Tip elaborated by Ametller Origen, BBHI collaborating entity in the field of nutrition.
The leek is part of the garlic and onion family. We can find leeks all year round, but they are a winter vegetable that is very resistant to cold, which is when they have a more intense flavor and a larger size.
Leeks are sometimes overlooked, but they are a source of fructo-oligosaccharides (FOS), a type of fermentable fiber that favors the growth of beneficial bacteria in our colon. In addition, they improve intestinal transit and are useful for cases of constipation. (1,2)

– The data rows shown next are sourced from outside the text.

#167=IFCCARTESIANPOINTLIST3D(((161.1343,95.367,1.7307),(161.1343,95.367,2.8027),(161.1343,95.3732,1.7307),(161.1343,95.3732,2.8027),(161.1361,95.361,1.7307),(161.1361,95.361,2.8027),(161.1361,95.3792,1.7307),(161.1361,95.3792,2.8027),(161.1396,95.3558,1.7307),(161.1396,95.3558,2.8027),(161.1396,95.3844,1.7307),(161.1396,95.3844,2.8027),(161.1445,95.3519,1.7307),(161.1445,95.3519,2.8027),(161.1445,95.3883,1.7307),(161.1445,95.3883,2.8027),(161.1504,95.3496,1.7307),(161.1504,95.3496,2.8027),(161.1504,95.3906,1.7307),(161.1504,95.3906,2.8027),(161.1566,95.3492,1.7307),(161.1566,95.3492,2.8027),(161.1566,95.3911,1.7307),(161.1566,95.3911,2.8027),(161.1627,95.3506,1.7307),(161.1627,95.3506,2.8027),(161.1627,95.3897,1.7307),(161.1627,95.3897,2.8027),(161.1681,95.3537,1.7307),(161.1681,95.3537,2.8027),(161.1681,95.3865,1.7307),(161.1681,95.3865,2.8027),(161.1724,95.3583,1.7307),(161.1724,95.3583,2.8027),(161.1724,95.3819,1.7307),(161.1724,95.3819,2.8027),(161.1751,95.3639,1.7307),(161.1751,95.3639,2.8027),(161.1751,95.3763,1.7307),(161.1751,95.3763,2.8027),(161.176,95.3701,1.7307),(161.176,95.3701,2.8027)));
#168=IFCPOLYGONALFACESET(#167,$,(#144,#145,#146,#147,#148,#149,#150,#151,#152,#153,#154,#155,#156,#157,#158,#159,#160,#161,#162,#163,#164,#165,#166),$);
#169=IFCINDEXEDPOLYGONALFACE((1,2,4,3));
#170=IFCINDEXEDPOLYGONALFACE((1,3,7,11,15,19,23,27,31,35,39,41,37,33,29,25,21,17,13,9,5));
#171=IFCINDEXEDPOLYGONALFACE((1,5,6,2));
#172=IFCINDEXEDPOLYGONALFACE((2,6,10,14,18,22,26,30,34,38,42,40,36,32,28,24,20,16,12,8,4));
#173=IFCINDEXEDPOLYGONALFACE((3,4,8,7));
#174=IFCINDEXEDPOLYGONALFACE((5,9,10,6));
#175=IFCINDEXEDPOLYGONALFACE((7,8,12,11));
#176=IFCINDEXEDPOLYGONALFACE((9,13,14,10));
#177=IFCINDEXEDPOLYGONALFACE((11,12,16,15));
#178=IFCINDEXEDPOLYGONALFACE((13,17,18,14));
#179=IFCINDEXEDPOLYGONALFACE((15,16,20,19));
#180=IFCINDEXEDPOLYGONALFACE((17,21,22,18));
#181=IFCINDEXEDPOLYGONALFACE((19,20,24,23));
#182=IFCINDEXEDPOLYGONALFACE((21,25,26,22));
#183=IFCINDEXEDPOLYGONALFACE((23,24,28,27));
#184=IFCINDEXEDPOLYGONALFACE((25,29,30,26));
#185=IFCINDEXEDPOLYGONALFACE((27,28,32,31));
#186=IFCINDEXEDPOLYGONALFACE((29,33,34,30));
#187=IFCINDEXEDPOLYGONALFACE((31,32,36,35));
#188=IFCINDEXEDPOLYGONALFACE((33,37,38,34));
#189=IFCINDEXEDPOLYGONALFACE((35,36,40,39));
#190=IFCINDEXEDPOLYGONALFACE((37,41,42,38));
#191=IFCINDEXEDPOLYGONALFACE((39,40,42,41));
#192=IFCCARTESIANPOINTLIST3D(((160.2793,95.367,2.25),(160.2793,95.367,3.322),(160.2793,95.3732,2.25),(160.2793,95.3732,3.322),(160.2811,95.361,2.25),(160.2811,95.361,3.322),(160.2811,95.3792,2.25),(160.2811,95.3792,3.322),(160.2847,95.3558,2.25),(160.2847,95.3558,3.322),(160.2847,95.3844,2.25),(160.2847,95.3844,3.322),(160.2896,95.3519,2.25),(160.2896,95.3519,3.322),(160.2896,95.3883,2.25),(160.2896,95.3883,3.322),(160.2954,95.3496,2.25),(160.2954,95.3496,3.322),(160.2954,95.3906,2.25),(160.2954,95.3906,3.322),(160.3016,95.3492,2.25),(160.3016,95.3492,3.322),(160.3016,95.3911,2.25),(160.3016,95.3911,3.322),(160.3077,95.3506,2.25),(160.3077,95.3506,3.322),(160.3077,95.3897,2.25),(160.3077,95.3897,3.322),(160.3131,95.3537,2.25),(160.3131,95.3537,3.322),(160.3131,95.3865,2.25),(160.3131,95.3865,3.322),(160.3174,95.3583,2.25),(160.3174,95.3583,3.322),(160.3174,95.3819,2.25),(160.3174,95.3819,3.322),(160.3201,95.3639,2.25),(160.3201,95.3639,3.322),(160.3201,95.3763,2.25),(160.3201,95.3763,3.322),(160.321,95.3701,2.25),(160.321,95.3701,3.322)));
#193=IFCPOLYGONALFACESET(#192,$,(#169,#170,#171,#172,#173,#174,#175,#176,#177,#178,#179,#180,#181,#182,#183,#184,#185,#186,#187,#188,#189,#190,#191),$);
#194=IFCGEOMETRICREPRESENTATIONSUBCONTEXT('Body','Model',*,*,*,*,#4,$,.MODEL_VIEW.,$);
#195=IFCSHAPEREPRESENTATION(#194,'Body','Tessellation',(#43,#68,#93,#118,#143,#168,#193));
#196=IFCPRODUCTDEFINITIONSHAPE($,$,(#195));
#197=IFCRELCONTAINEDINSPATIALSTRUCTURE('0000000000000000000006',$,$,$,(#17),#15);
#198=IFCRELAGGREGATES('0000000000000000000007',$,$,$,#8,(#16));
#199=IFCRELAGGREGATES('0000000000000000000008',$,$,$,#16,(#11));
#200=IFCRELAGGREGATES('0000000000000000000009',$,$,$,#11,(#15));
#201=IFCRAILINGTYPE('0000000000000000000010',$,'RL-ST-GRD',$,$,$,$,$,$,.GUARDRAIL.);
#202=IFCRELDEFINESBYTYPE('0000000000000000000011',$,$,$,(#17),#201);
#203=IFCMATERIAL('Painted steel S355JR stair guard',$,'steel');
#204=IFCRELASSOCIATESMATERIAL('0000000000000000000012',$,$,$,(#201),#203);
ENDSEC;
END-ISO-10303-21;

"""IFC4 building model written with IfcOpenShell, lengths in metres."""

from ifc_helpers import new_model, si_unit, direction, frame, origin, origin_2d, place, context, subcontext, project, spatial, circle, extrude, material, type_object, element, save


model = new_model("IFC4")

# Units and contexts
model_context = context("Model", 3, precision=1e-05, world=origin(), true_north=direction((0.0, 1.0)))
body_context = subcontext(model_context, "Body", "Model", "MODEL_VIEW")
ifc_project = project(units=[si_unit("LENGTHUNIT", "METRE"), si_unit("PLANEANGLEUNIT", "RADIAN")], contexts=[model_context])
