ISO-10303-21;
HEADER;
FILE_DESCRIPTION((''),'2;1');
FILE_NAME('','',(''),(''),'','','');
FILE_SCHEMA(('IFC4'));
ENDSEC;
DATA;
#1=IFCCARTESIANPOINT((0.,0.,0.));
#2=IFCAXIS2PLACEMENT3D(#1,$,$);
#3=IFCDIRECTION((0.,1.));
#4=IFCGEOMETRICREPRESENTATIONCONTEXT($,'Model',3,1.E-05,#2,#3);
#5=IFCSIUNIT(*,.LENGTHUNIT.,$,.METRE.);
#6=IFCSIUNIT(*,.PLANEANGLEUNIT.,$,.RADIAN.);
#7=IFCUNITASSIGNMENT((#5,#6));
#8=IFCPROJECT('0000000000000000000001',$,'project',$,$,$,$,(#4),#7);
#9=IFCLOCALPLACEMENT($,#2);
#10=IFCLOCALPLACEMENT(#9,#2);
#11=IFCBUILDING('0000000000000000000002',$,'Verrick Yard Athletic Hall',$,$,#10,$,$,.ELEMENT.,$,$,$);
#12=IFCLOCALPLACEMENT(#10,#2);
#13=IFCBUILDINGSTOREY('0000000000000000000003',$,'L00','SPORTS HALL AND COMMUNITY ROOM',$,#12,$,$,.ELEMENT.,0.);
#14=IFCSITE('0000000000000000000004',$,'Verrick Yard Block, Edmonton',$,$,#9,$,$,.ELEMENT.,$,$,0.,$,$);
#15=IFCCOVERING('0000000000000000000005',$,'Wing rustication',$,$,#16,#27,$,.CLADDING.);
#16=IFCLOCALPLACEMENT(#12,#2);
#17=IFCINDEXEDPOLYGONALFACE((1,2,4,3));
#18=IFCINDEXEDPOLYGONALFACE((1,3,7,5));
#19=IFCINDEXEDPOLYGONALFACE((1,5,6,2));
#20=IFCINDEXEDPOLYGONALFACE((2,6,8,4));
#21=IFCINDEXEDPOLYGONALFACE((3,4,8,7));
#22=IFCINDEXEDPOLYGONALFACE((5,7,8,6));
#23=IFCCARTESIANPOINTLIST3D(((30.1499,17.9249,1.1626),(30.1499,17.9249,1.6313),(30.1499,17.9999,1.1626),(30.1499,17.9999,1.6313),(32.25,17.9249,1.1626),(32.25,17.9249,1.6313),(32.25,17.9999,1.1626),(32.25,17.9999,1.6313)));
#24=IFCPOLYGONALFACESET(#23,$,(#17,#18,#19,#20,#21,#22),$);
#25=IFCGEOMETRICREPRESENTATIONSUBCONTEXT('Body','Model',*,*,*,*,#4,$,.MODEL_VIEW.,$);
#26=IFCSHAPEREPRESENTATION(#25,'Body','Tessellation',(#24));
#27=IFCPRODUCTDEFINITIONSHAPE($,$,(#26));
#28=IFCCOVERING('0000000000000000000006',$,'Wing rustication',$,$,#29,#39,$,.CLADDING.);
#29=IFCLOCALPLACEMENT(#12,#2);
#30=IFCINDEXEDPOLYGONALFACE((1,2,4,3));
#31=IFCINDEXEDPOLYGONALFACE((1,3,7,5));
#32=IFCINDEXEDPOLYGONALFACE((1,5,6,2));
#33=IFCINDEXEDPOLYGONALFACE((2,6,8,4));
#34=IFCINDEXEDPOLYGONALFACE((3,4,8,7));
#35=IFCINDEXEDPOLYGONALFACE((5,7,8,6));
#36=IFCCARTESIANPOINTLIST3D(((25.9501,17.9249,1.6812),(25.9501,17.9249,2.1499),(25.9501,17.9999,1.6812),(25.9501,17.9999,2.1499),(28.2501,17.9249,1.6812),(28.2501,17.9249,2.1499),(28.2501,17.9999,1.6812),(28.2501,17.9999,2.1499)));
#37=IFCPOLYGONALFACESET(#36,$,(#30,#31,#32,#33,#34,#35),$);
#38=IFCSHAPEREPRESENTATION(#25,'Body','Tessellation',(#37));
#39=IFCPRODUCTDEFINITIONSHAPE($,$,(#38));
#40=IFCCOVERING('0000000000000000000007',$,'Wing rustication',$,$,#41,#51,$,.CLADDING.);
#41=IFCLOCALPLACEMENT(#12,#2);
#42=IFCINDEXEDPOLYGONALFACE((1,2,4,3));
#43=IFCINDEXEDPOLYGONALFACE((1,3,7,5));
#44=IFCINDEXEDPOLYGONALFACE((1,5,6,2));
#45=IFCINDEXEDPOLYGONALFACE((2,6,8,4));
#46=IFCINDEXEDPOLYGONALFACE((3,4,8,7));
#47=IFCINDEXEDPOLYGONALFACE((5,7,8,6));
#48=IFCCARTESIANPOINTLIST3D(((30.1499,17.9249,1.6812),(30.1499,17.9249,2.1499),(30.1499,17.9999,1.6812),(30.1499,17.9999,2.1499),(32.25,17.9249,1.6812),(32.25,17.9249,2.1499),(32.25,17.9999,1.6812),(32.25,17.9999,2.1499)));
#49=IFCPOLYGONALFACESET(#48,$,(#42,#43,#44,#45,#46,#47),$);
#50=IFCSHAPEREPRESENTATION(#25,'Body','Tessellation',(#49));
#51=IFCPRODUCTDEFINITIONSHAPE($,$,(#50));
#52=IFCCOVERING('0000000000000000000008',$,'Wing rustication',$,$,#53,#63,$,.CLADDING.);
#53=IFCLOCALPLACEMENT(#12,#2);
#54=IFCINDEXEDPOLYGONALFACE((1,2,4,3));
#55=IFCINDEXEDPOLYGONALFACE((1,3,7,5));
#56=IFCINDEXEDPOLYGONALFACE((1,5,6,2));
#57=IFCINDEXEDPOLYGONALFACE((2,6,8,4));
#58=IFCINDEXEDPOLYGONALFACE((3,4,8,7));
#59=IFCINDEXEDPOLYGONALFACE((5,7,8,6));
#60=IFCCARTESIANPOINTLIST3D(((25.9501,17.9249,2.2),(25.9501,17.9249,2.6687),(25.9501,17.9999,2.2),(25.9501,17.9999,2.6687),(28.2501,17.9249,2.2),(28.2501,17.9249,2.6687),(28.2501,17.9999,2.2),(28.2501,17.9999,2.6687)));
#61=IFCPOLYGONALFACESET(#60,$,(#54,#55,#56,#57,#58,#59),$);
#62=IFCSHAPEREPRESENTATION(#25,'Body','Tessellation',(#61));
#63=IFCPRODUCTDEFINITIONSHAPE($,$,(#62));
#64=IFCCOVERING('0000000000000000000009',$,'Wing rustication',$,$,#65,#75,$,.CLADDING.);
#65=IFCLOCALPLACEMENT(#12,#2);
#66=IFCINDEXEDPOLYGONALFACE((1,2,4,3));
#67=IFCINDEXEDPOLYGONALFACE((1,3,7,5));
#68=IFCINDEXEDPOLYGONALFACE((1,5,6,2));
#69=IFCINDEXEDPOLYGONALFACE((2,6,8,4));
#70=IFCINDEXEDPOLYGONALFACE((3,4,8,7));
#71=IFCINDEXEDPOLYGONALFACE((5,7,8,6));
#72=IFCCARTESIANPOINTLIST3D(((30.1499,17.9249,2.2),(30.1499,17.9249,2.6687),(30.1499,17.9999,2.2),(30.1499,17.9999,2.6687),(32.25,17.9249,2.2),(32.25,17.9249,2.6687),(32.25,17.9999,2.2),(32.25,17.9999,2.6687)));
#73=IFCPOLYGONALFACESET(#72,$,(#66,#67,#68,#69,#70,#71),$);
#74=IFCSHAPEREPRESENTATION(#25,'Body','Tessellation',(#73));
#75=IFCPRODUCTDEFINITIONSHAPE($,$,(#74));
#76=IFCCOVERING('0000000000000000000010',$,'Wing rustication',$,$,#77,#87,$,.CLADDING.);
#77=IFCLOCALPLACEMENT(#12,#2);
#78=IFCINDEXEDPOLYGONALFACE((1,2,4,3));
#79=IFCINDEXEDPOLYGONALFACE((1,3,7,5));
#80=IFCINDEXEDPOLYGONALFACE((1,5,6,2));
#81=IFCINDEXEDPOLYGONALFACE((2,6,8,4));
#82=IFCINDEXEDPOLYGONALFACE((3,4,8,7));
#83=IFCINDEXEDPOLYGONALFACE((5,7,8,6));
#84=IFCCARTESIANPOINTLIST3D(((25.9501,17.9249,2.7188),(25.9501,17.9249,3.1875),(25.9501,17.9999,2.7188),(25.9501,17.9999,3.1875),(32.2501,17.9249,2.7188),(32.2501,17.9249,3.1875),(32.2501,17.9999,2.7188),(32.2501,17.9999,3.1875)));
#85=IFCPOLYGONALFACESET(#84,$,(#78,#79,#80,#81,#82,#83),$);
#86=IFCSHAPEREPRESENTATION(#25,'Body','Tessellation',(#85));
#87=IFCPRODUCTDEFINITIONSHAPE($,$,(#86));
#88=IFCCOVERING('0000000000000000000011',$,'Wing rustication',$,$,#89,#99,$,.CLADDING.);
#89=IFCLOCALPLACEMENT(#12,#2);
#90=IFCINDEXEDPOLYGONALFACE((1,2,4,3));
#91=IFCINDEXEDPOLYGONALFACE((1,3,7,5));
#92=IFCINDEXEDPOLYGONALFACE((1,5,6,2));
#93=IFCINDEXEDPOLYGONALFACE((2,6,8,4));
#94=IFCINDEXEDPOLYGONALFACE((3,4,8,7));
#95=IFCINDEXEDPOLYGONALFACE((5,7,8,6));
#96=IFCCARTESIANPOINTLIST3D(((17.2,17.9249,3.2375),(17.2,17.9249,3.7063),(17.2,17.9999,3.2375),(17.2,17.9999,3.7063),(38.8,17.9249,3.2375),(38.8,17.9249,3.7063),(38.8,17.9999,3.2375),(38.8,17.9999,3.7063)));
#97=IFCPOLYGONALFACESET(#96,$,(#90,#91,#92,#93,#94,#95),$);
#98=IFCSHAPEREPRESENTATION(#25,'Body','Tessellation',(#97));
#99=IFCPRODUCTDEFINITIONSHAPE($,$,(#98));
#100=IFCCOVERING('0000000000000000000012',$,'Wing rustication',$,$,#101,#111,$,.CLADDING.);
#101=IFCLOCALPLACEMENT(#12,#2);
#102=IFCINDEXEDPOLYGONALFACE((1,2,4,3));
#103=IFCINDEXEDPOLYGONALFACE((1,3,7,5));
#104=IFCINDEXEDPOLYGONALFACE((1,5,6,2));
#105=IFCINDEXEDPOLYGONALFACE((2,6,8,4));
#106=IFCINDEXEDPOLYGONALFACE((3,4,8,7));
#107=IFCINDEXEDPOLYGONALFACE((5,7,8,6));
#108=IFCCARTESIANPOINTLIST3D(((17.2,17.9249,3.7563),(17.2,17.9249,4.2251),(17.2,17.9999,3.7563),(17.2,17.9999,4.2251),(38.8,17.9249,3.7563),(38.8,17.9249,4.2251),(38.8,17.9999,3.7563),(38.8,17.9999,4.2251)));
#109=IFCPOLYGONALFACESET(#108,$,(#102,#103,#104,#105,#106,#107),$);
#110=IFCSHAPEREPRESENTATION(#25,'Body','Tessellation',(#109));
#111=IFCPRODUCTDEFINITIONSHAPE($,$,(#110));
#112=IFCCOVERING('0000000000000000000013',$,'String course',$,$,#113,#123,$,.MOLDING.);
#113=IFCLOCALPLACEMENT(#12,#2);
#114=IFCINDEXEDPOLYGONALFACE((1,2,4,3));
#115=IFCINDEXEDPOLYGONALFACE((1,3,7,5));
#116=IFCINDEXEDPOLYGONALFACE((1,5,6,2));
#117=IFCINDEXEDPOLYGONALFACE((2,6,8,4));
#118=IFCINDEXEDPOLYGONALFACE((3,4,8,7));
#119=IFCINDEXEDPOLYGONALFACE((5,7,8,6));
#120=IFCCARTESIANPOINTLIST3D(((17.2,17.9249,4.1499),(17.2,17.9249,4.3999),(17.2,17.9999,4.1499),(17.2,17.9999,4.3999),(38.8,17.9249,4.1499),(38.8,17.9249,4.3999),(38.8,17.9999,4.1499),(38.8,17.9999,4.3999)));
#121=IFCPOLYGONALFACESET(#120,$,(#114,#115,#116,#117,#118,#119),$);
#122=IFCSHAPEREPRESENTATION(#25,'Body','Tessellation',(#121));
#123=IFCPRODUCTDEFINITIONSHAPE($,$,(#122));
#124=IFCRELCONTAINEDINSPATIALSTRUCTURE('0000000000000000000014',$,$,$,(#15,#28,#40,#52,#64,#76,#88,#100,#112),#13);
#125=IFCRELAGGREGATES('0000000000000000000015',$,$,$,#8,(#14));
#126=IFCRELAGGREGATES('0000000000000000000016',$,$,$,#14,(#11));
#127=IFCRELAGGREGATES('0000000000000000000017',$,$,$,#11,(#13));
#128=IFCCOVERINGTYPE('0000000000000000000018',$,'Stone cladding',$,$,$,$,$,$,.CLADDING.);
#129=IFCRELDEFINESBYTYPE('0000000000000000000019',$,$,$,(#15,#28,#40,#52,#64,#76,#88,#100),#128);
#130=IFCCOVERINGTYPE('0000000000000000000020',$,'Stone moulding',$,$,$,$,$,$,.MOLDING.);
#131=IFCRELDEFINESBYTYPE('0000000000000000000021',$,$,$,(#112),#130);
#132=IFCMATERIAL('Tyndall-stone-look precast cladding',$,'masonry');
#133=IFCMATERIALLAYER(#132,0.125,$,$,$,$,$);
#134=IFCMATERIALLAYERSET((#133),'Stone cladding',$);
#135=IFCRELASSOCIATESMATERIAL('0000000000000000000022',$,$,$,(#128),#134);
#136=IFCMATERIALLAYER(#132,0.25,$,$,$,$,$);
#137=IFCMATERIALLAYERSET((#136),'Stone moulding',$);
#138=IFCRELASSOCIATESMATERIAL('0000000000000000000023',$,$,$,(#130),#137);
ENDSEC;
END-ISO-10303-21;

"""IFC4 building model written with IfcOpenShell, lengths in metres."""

from ifc_helpers import new_model, si_unit, direction, frame, origin, origin_2d, place, context, subcontext, project, spatial, rectangle, extrude, material, layer, layer_set, type_object, element, save


model = new_model("IFC4")

# Units and contexts
model_context = context("Model", 3, precision=1e-05, world=origin(), true_north=direction((0.0, 1.0)))
body_context = subcontext(model_context, "Body", "Model", "MODEL_VIEW")
ifc_project = project(units=[si_unit("LENGTHUNIT", "METRE"), si_unit("PLANEANGLEUNIT", "RADIAN")], contexts=[model_context])

# Site, building, storey
site_placement = place(None, origin())
site = spatial("IfcSite", under=ifc_project, at=site_placement, Name="Verrick Yard Block, Edmonton", CompositionType="ELEMENT", RefElevation=0.0)
building_placement = place(site_placement, origin())
building = spatial("IfcBuilding", under=site, at=building_placement, Name="Verrick Yard Athletic Hall", CompositionType="ELEMENT")
storey_placement = place(building_placement, origin())
storey = spatial("IfcBuildingStorey", under=building, at=storey_placement, Name="L00", Description="SPORTS HALL AND COMMUNITY ROOM", CompositionType="ELEMENT", Elevation=0.0)

# Coverings
ifc_material_1 = material(Name="Tyndall-stone-look precast cladding", Category="masonry")
ifc_layer_1 = layer(ifc_material_1, 0.125)
ifc_layer_set_1 = layer_set([ifc_layer_1], Name="Stone cladding")
covering_type_1 = type_object("IfcCoveringType", Name="Stone cladding", PredefinedType="CLADDING", material=ifc_layer_set_1)
covering_1_placement = place(storey_placement, frame((31.2, 17.9624, 1.1626), z_axis=(0.0, 0.0, 1.0), x_axis=(1.0, 0.0, 0.0)))
element("IfcCovering", 1, at=covering_1_placement, inside=storey, type_object=covering_type_1, Name="Wing rustication", PredefinedType="CLADDING", context=body_context, shape_type="SweptSolid", body=[
    extrude(rectangle(XDim=2.1001, YDim=0.075, at=origin_2d()), origin(), (0.0, 0.0, 1.0), 0.4688),
])
covering_2_placement = place(storey_placement, frame((27.1001, 17.9624, 1.6812), z_axis=(0.0, 0.0, 1.0), x_axis=(1.0, 0.0, 0.0)))
element("IfcCovering", 2, at=covering_2_placement, inside=storey, type_object=covering_type_1, Name="Wing rustication", PredefinedType="CLADDING", context=body_context, shape_type="SweptSolid", body=[
    extrude(rectangle(XDim=2.3, YDim=0.075, at=origin_2d()), origin(), (0.0, 0.0, 1.0), 0.4688),
])
covering_3_placement = place(storey_placement, frame((31.2, 17.9624, 1.6812), z_axis=(0.0, 0.0, 1.0), x_axis=(1.0, 0.0, 0.0)))
element("IfcCovering", 3, at=covering_3_placement, inside=storey, type_object=covering_type_1, Name="Wing rustication", PredefinedType="CLADDING", context=body_context, shape_type="SweptSolid", body=[
    extrude(rectangle(XDim=2.1001, YDim=0.075, at=origin_2d()), origin(), (0.0, 0.0, 1.0), 0.4688),
])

Secondly, leeks help when it comes to hydrating our body as they are 90% water. In addition, they contain flavonoids, some compounds with antioxidant capacity and others with diuretic capacity, helping to purify the body through urine. (3)
As for vitamins, leeks are rich in folic acid, which is important for the correct formation of our blood cells.
They are also a good source of vitamin C, an antioxidant able to counteract the harmful action of free radicals, but it is necessary to be careful when cooking them, because heat reduces their vitamin C content. Therefore you should avoid cooking leeks at very high temperatures and for a long time.
When it comes to cooking leeks, the famous French dish vichyssoise comes to mind, but this vegetable offers us infinite possibilities to enjoy its taste, similar to onion but sweeter.
Leeks can be prepared raw, finely chopped and added to a salad or, on the coldest days, made into a soup, added to purées, quiches or tortillas or used as the base for a baked fish.
The stems should be firm and greenish with a very white root, avoiding those that have a yellowish color and stems with dry tips. They should be kept refrigerated, without cutting the stems.